Hi, a nice question indeed!

The real problem is, without a careful design, anyone with very few coins could fake a better chain (a chain has a better score) that switches long ago, with very little effort. In PoW, this is impossible; but in PoS, this is possible. We have some discussion on this topic in section 4.1.2, 4.1.3, and 4.4.4. Hope they help.

If some bad guys control a lot of peers, new peers and temporarily offline peers will not be able to distinguish solely by block chain data. They have to continuously confirm with some "famous" nodes, and those nodes together become the "center" of the network.

The beauty of Bitcoin (or PoW) and LibreFortune is, peers can make sure which is the real main chain solely by block chain data. They do not trust peers, they download data from other peers, validate by themselves, and then make their own decision, whenever they are new peers, or temporarily offline ones.

I do not think the first two statements are true and I'm pretty sure - as I pointed out - that the last statement holds true for POS aswell.

Temporarily offline peers and new peers will be able to tell which chain is the better chain only with blockchain data in POS. I'm not sure how exactly those scores are calculated (and it probably varies between implementations) but i'm positive that it's of absolutely no relevance from which peer it comes from.
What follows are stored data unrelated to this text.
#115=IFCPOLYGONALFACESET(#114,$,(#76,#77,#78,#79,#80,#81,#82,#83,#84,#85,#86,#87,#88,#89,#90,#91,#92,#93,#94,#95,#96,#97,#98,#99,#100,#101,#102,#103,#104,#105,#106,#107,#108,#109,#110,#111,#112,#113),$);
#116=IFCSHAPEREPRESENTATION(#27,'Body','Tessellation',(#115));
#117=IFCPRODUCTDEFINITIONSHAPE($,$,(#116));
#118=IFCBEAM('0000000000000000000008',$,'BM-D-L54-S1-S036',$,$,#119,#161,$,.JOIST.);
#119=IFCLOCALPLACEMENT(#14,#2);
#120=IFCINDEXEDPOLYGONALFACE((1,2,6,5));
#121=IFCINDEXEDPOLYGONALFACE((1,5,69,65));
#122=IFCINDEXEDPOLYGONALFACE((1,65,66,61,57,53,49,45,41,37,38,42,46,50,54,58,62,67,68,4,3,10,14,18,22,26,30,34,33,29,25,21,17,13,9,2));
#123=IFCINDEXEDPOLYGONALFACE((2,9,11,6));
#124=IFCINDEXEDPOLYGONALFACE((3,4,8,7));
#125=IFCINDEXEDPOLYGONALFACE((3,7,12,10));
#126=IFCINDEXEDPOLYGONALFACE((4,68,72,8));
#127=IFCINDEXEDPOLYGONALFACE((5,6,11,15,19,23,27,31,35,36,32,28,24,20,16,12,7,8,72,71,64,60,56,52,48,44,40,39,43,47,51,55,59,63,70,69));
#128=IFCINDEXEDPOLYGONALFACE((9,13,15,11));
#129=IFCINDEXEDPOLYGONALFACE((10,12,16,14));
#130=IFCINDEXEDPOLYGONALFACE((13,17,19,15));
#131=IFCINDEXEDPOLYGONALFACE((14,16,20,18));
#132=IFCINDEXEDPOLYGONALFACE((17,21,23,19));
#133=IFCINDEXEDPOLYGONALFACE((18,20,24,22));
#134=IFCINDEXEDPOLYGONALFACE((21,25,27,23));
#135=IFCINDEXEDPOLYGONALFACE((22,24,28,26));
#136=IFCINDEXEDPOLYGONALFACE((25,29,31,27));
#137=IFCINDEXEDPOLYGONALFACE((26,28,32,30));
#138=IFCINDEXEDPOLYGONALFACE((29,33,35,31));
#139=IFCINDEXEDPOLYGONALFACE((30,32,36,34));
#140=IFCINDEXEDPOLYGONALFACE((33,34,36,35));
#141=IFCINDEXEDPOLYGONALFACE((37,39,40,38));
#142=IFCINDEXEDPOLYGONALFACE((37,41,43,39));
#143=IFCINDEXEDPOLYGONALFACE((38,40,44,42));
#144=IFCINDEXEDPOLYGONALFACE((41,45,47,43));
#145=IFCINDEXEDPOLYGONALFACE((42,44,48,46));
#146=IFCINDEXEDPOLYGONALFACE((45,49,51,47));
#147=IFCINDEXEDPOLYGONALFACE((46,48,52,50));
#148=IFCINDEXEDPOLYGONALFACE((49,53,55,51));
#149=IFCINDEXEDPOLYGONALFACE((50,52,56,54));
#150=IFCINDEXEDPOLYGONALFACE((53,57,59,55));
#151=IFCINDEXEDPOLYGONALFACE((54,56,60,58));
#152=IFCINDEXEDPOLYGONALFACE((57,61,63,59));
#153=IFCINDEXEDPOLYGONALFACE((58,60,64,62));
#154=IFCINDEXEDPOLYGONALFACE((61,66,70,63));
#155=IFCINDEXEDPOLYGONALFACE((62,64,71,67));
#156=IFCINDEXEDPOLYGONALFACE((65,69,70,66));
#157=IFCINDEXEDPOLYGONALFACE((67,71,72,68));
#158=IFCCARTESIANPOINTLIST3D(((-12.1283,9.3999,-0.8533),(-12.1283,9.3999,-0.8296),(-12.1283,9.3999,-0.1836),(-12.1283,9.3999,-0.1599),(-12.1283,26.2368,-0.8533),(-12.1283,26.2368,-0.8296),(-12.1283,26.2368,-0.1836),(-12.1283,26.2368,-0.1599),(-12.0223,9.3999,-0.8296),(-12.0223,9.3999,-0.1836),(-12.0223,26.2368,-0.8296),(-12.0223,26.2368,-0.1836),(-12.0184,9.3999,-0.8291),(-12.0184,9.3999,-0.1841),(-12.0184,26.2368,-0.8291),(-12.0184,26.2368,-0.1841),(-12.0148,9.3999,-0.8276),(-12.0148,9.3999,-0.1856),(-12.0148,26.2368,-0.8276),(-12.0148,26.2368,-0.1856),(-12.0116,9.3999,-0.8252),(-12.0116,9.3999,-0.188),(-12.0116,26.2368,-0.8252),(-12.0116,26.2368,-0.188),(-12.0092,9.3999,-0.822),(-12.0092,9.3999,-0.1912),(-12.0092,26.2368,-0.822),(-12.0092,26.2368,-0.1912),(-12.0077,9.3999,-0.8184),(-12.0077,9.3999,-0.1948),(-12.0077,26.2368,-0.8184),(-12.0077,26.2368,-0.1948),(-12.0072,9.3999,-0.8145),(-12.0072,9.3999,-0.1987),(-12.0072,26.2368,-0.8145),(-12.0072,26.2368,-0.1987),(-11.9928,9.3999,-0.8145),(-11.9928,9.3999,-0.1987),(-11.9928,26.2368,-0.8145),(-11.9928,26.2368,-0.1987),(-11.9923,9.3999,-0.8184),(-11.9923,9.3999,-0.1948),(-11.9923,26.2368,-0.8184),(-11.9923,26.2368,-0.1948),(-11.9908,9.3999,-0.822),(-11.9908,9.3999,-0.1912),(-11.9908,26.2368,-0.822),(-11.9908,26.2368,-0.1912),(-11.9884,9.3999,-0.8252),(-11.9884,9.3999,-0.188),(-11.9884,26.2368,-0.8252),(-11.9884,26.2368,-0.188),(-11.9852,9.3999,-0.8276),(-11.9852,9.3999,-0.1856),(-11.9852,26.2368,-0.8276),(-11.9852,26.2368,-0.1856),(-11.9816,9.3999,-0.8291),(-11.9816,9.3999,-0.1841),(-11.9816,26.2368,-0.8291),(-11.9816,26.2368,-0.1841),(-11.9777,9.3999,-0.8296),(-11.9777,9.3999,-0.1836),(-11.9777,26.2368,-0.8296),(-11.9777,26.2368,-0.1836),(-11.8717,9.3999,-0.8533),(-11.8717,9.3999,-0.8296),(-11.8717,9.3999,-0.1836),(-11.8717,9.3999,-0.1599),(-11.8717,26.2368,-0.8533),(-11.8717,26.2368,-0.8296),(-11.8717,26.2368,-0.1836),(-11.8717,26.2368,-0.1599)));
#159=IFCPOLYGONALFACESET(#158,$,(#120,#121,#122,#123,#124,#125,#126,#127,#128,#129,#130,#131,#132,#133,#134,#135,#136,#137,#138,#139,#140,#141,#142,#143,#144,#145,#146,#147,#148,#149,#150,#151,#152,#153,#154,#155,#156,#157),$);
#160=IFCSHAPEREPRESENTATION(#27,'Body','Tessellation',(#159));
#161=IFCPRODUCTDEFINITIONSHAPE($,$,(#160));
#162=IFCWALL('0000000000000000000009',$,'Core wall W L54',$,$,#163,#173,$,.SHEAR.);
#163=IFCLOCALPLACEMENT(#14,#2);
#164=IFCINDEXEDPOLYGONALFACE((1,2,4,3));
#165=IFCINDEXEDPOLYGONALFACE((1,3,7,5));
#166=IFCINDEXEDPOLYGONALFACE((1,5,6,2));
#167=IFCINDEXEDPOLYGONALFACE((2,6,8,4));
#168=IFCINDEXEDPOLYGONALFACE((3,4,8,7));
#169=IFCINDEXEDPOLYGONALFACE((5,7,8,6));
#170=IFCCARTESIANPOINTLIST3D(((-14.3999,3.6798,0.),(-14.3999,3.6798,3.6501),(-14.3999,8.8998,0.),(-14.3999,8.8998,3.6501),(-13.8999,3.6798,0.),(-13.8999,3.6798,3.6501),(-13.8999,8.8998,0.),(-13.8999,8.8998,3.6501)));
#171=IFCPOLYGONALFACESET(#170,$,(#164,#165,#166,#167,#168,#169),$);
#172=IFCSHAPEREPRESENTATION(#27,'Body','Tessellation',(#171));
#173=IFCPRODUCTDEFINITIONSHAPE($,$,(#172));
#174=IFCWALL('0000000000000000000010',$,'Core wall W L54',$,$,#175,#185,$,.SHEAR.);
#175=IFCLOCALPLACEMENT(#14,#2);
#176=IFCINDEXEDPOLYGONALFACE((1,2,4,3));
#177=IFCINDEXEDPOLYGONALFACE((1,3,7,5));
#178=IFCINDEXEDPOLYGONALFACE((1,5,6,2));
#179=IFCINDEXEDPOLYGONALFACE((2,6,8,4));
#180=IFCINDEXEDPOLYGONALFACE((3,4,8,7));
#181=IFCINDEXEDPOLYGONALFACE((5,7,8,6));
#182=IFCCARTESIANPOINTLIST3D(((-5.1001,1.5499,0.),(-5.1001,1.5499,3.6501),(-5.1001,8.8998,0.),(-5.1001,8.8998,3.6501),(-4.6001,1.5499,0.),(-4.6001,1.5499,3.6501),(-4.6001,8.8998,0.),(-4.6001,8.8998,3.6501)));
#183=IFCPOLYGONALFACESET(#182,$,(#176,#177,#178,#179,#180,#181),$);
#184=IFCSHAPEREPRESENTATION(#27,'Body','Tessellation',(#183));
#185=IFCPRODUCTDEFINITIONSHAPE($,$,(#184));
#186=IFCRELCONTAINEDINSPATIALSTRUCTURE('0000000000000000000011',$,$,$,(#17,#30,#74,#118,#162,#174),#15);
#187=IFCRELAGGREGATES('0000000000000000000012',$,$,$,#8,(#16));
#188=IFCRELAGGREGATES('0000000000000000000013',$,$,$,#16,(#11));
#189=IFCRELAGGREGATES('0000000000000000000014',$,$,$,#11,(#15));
If a peer were to fetch "bad" data then it wouldn't have to verify with some "famous" node. Any none evil node would be enough.
If you're talking about the initial sync mostly happening from well known peers...well...you're gonna need well known peers in any p2p network or how are you planning on letting peers find each other ?

[rexzhao]

........

I do not think the first two statements are true and I'm pretty sure - as I pointed out - that the last statement holds true for POS aswell.

Temporarily offline peers and new peers will be able to tell which chain is the better chain only with blockchain data in POS. I'm not sure how exactly those scores are calculated (and it probably varies between implementations) but i'm positive that it's of absolutely no relevance from which peer it comes from. If a peer were to fetch "bad" data then it wouldn't have to verify with some "famous" node. Any none evil node would be enough.
If you're talking about the initial sync mostly happening from well known peers...well...you're gonna need well known peers in any p2p network or how are you planning on letting peers find each other ?
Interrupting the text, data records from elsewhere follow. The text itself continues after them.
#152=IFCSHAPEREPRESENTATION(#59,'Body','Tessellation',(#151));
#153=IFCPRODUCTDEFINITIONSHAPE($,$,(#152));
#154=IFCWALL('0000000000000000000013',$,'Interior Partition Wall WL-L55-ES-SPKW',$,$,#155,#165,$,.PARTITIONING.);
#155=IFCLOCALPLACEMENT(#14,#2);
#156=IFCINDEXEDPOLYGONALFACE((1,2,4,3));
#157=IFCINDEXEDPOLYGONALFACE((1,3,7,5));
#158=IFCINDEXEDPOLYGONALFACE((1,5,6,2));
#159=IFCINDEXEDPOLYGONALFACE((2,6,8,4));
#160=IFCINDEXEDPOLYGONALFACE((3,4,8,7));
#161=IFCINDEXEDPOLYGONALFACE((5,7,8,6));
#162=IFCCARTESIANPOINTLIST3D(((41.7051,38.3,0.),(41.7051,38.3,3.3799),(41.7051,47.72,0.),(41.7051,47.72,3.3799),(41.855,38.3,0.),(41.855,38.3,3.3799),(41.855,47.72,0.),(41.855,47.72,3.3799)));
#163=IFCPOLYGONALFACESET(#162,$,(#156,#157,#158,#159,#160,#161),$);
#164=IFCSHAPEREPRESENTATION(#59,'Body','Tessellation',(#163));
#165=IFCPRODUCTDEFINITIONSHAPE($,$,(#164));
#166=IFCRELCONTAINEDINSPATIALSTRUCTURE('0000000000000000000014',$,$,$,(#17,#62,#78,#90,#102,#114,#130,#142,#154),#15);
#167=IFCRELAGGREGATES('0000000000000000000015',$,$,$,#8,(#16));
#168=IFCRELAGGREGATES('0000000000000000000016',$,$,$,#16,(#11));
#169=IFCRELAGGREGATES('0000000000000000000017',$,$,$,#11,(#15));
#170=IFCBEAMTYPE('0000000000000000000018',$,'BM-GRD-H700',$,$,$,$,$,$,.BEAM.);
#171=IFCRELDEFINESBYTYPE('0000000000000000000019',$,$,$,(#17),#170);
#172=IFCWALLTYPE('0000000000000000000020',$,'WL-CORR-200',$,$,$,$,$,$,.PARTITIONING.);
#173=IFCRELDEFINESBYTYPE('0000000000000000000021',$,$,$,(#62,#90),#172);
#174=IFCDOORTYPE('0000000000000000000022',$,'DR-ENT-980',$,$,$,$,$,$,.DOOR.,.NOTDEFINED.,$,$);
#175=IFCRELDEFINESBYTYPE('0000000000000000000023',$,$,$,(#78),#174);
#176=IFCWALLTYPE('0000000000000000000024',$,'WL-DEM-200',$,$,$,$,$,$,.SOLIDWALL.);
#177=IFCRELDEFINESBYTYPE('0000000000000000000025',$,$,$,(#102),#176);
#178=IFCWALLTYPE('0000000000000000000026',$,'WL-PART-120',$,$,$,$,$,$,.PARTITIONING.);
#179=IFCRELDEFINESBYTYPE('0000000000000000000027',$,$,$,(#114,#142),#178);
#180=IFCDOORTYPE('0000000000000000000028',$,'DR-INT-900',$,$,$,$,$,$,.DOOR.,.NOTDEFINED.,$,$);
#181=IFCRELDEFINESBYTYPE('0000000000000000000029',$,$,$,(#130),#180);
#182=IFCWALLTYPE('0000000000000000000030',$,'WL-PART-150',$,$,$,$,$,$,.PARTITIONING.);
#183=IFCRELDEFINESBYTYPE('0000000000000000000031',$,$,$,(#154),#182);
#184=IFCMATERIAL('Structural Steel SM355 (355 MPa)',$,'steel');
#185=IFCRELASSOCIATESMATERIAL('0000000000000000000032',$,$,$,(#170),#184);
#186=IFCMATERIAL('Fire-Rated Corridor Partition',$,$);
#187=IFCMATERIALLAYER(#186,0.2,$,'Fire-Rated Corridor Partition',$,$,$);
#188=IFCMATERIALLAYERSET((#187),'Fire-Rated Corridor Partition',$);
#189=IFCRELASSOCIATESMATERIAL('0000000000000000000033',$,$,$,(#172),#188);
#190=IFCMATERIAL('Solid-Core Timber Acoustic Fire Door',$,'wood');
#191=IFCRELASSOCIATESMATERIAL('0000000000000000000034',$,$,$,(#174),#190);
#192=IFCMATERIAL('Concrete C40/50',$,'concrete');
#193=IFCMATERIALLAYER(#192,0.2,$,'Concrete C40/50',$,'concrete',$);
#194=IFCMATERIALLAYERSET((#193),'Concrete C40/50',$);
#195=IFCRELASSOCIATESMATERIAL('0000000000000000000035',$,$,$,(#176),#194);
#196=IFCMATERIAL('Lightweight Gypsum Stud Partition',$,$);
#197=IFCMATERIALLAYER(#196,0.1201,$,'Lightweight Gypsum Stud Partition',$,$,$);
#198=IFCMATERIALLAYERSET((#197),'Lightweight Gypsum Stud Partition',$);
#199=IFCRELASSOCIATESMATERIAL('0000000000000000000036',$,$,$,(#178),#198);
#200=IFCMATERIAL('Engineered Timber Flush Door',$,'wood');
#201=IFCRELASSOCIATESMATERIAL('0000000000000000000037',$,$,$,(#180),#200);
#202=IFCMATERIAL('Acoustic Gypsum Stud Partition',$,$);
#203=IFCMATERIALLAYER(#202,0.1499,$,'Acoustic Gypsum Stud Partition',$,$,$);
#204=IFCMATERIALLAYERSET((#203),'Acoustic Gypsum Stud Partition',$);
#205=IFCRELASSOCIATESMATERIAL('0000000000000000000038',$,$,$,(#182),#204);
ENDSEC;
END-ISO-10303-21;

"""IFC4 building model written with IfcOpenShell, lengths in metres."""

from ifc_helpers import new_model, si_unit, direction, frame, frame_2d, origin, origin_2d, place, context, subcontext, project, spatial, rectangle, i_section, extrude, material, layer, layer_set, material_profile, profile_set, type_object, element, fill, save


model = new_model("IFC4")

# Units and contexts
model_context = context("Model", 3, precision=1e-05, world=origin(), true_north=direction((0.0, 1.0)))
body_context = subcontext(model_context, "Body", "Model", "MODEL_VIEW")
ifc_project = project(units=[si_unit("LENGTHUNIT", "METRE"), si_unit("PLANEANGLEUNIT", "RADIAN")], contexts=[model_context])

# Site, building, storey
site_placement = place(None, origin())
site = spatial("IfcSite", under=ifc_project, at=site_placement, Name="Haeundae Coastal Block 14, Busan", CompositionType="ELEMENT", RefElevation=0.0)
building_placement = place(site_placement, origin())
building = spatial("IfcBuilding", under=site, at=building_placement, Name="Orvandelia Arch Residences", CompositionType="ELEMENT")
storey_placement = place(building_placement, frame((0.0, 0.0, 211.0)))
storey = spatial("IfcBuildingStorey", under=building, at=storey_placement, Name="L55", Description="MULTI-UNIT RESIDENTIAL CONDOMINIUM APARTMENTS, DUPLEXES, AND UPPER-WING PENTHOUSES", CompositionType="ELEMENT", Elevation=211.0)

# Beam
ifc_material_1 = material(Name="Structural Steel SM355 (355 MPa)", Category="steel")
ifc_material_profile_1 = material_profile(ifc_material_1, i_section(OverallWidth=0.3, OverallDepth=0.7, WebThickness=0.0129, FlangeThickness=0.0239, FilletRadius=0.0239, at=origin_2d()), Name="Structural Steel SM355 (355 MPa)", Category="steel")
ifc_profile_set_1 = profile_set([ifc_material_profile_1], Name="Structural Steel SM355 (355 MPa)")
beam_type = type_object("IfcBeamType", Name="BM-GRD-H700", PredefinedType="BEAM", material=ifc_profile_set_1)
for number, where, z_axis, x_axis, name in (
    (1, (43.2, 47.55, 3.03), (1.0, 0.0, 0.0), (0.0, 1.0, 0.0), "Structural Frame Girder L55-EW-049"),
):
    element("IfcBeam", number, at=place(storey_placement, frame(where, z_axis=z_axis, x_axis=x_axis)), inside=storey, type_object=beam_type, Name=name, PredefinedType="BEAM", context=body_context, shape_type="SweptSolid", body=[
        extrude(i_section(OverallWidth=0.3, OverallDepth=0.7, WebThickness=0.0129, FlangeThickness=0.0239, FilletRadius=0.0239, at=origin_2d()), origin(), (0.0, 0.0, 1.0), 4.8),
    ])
Guess I have to say things are not that optimistic in PoS. I might give you an example of attacking an ill formed PoS design for illustration purpose in the near future.

One question you might think right now is: Why PeerCoin needs to broadcast checkpoint regularly? Why NXT have that kind of restriction while Bitcoin does not?

[patmast3r]

Guess I have to say things are not that optimistic in PoS. I might give you an example of attacking an ill formed PoS design for illustration purpose in the near future.

That would be great!

One question you might think right now is: Why PeerCoin needs to broadcast checkpoint regularly? Why NXT have that kind of restriction while Bitcoin does not?

I'm not saying NXT and similar systems don't need those restrictions. I'm saying I don't see the problem with having those restrictions and how it's supposed to lead to centralization.